Occupants, regardless of origin, pay a percentage of their wages for rent.

The dorm was opened in 1993, built with finances from the Rural Development Agency, a branch of the U.S. Department of Agriculture, as well as a loan from the U.S. Department of Housing and Urban Development. Much to the dismay of local agriculture today, Title V of the federal Housing Act of 1949 requires that its residents be U.S. citizens or “persons legally admitted for permanent residence.”

Local leaders and farmers have tried for the last three years to have “permanent” removed from the act’s wording.

Montrose County Housing Authority director Tim Heavers said he’s sent letters to both current U.S. Senators, the Colorado Division of Housing, the USDA and other authorities. He said he received a response from U.S. Sen. Wayne Allard citing that the dorm couldn’t house H-2A workers.

“All we want to do is eliminate one word from that statute,” Heavers said. “At least they didn’t try to sneak into the country — they applied for a visa and came as temporary workers.”

The added pressure for sweet corn farmers to find federally approved housing coupled with local leaders’ desire to fill the dorm’s vacancies have led to a greater push for some sort of amendment, variance or even executive order.

The dorm regulations require rent be deducted from occupants’ pay, so people don’t stay for free.

“To me it’s a no-brainer,” said Montrose Mayor David White. “The bottom line is, from a business standpoint — jeez already — let’s use it for what it was intended to be used for.”

Olathe Trustee Bob Lindstrom said he is 100 percent behind making the dorm accessible to workers on visas.

“It’s the economics of this area,” he said. “I don’t think it should be used for anything else.”
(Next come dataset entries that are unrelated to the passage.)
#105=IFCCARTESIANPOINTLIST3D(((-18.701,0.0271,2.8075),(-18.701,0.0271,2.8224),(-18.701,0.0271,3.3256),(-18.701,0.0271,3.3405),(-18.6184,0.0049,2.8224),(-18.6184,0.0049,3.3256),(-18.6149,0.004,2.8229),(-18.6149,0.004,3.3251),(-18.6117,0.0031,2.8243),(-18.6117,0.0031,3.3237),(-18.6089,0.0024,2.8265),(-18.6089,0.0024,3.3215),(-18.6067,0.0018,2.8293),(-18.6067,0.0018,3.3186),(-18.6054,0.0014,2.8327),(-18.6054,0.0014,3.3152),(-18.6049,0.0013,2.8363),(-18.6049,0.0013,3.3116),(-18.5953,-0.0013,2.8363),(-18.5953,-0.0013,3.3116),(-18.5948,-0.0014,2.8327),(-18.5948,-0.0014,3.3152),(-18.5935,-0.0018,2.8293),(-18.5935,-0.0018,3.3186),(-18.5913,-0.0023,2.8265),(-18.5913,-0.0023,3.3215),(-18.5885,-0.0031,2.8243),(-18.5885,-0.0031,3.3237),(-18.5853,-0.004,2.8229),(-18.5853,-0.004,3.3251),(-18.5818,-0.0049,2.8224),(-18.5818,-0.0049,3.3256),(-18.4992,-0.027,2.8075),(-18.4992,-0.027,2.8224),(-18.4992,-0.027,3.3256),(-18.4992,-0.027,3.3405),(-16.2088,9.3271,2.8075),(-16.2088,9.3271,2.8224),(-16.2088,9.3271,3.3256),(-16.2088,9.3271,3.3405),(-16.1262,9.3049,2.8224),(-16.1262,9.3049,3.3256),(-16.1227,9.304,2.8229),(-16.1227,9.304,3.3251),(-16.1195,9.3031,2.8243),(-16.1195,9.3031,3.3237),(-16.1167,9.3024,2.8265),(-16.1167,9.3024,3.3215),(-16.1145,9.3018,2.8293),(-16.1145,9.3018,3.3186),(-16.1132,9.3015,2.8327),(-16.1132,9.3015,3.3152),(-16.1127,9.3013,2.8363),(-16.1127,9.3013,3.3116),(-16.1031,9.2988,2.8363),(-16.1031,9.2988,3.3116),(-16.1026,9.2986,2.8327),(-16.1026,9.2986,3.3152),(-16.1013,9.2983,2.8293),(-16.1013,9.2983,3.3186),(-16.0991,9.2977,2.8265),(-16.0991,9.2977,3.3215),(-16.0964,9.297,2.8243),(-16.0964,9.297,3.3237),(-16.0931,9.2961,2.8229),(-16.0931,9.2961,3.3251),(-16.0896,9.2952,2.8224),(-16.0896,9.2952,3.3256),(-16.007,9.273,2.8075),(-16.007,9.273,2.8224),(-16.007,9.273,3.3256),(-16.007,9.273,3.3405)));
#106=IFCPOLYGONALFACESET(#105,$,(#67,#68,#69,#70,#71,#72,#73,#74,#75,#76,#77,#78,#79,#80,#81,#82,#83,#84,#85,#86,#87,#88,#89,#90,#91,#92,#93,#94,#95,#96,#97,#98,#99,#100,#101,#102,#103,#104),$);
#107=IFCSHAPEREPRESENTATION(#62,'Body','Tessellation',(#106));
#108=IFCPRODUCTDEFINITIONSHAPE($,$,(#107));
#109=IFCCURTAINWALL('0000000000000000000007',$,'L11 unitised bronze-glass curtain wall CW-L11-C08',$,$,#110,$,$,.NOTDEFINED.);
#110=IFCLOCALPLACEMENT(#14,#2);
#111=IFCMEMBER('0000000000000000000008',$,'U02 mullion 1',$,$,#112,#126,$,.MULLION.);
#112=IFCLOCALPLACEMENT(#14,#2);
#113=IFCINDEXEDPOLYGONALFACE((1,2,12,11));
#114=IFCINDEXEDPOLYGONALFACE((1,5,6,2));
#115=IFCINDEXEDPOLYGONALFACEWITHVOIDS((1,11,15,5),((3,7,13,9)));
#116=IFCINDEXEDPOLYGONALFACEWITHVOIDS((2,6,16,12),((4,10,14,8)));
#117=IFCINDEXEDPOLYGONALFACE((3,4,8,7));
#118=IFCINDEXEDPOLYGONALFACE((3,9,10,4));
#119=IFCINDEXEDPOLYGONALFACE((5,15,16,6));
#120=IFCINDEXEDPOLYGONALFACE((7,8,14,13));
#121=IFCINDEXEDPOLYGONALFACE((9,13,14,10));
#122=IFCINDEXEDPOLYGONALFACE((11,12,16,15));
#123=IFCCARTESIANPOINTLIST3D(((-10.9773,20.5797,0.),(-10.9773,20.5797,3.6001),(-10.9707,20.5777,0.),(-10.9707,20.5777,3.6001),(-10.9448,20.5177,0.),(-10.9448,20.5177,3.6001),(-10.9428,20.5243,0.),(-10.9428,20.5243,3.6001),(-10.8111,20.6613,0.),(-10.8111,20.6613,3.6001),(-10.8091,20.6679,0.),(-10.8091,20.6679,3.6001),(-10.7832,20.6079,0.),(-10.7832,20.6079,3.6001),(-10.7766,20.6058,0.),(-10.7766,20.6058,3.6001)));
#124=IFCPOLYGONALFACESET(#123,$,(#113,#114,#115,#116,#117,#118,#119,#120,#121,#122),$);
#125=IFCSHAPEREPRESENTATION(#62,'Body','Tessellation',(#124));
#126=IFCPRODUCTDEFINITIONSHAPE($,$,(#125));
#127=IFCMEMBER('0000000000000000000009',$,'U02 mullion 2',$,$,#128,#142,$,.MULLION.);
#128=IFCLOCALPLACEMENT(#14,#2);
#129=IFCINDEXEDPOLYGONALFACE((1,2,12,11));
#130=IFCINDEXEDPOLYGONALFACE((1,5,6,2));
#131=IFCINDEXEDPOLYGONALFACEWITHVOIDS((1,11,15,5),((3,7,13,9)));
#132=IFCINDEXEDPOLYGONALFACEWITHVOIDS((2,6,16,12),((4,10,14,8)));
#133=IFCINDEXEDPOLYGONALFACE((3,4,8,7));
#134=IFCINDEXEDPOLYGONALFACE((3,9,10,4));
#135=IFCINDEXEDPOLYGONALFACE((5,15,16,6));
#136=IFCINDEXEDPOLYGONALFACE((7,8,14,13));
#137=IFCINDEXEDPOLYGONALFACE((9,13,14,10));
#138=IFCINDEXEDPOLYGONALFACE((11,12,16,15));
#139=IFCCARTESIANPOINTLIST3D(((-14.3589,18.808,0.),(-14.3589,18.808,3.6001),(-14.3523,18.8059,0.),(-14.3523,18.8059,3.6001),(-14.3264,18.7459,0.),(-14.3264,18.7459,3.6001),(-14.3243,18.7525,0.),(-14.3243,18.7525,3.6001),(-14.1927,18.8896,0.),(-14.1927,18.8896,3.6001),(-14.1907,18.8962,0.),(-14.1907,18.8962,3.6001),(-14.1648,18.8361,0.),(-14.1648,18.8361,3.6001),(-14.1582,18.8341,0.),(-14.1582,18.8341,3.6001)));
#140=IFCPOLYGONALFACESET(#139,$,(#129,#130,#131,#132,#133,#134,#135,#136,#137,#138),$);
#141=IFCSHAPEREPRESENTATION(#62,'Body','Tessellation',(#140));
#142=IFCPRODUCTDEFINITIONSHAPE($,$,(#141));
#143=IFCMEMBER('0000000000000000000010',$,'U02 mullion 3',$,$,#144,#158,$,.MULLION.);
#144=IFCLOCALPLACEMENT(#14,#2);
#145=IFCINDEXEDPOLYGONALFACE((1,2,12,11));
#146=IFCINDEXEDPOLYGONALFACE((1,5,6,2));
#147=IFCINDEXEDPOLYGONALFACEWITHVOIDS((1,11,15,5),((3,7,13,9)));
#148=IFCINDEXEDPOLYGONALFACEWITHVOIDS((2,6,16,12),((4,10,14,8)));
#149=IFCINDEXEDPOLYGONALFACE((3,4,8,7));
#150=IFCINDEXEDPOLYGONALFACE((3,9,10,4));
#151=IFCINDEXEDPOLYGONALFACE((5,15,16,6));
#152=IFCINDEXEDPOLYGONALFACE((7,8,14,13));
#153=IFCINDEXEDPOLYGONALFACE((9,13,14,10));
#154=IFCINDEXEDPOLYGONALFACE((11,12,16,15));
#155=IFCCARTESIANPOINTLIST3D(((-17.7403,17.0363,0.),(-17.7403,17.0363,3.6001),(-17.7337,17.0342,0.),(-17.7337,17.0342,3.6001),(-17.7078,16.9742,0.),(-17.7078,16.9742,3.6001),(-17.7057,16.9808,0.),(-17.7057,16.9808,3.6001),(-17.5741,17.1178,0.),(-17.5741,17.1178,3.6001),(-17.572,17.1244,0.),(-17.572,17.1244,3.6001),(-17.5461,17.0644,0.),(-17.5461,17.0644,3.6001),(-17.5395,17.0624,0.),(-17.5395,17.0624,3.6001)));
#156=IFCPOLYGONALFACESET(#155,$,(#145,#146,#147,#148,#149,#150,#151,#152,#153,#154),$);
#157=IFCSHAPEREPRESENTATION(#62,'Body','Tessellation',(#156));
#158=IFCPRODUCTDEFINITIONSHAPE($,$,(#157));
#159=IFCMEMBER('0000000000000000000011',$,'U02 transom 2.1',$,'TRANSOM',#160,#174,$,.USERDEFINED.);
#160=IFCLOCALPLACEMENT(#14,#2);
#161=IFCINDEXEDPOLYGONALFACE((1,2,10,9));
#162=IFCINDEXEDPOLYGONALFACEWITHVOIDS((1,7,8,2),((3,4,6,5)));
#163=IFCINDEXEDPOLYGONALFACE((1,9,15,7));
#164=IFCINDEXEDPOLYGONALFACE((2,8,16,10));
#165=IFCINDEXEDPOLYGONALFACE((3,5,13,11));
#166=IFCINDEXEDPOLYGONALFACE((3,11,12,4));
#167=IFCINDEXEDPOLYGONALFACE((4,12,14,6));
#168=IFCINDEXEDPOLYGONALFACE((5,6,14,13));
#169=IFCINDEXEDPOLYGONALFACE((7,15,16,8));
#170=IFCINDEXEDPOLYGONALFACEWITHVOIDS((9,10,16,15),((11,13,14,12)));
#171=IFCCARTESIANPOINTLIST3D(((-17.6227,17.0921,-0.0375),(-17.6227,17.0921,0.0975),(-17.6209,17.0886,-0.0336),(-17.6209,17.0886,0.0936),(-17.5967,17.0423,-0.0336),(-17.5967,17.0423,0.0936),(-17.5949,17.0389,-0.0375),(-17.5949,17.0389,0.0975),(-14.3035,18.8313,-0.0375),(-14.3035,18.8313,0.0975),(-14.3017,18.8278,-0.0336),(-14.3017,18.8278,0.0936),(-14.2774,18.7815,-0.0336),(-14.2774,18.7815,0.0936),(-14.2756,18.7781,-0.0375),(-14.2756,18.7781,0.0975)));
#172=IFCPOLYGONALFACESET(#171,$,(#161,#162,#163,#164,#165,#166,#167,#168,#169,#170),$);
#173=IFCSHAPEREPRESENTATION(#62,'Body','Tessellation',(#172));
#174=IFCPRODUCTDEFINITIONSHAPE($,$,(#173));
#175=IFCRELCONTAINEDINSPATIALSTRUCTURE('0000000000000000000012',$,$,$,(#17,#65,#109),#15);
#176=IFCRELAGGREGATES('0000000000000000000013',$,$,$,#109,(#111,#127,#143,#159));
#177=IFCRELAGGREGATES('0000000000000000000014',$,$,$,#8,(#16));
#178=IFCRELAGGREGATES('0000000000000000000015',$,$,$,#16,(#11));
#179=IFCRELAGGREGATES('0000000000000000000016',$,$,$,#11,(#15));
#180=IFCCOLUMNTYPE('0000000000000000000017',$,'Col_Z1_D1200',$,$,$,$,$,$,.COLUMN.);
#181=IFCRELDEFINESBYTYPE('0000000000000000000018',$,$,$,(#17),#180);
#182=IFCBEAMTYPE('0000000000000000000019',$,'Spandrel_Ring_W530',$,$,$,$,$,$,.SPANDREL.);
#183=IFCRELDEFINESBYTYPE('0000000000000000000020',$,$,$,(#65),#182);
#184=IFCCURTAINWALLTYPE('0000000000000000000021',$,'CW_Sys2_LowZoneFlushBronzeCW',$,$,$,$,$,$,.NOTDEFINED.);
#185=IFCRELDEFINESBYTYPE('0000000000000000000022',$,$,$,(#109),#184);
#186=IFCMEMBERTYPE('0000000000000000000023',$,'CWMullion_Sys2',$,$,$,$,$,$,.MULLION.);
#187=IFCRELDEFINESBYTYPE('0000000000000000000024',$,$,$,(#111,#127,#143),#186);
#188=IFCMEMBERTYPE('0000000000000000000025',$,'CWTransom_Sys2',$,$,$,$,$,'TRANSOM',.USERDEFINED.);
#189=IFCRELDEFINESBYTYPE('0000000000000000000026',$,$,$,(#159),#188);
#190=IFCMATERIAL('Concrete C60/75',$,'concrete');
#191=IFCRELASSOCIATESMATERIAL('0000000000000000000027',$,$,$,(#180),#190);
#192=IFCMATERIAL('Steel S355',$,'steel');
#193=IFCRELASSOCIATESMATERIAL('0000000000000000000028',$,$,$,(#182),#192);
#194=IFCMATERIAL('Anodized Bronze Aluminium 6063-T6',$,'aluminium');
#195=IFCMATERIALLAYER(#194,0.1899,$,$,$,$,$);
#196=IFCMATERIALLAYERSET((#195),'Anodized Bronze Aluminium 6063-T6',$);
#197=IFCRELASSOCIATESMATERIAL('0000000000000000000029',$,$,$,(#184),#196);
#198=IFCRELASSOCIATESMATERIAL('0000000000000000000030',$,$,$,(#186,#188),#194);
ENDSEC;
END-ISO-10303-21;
At one time, it was proposed to change the dorm to a community corrections facility, but the idea was abandoned because of feasibility issues.

Local effort for national action

In early February the U.S. Department of Labor proposed rules to “modernize the broken” H-2A program.

“This issue must be addressed now, or our country will see eroding competitiveness in its agricultural sector, crops being left to rot in the fields, and increasing shifting of domestic food production to overseas,” Secretary of Labor Elaine L. Chao said in a press release.

The proposed changes include a system to calculate wages for the workers, require an extension of time employers must advertise for domestic workers and centralize the application process under the federal government. They could be enacted without congressional action following a 45-day period for public comment.

Locally, a resolution supporting federal government action to “ease the restrictions and bureaucracy of guest worker visa programs in a manner that is consistent with national security” and allow for removal of “permanent” from the 1949 Housing Act is being presented to organizations and governmental entities.

Harold said the Uncompahgre Valley Water Users and Olathe Chamber of Commerce approved it; the Delta-Montrose Electric Association is expected to vote on it Tuesday and it will be presented soon to Delta City Council.

Montrose City Councilor Noelle Hagan said it has been approved by Montrose Economic Development Corporation and will be presented to the Olathe Board of Trustees Monday. She presented the resolution to her council last Thursday, but it was not approved. She and Mayor White voted ‘aye,’ but Councilors Jose Abeyta and Ed Ulibarri cast dissenting votes.

“I think it needs to be taken out of the agriculture arena, if you may, because even as it is, if they do authorize the usage during summer then that facility’s going to remain vacant during the winter months,” Abeyta said Friday.

“I think they’d be better off to do a co-op and build it themselves, because then they’d have better control.”

White said he and Hagan will send letters of support instead. The signed resolutions and letters of support will be collected and sent to legislators in early March with the hope they will lead to change soon.

When Salazar was in Montrose, he said he doesn’t expect comprehensive immigration reform for perhaps a couple more years, as the change in president and higher priorities will likely come first.

Salazar communications director Cody Wertz said Friday:

“The senator does want to find out from the community what their consensus is on how the community wants to utilize the dormitory.”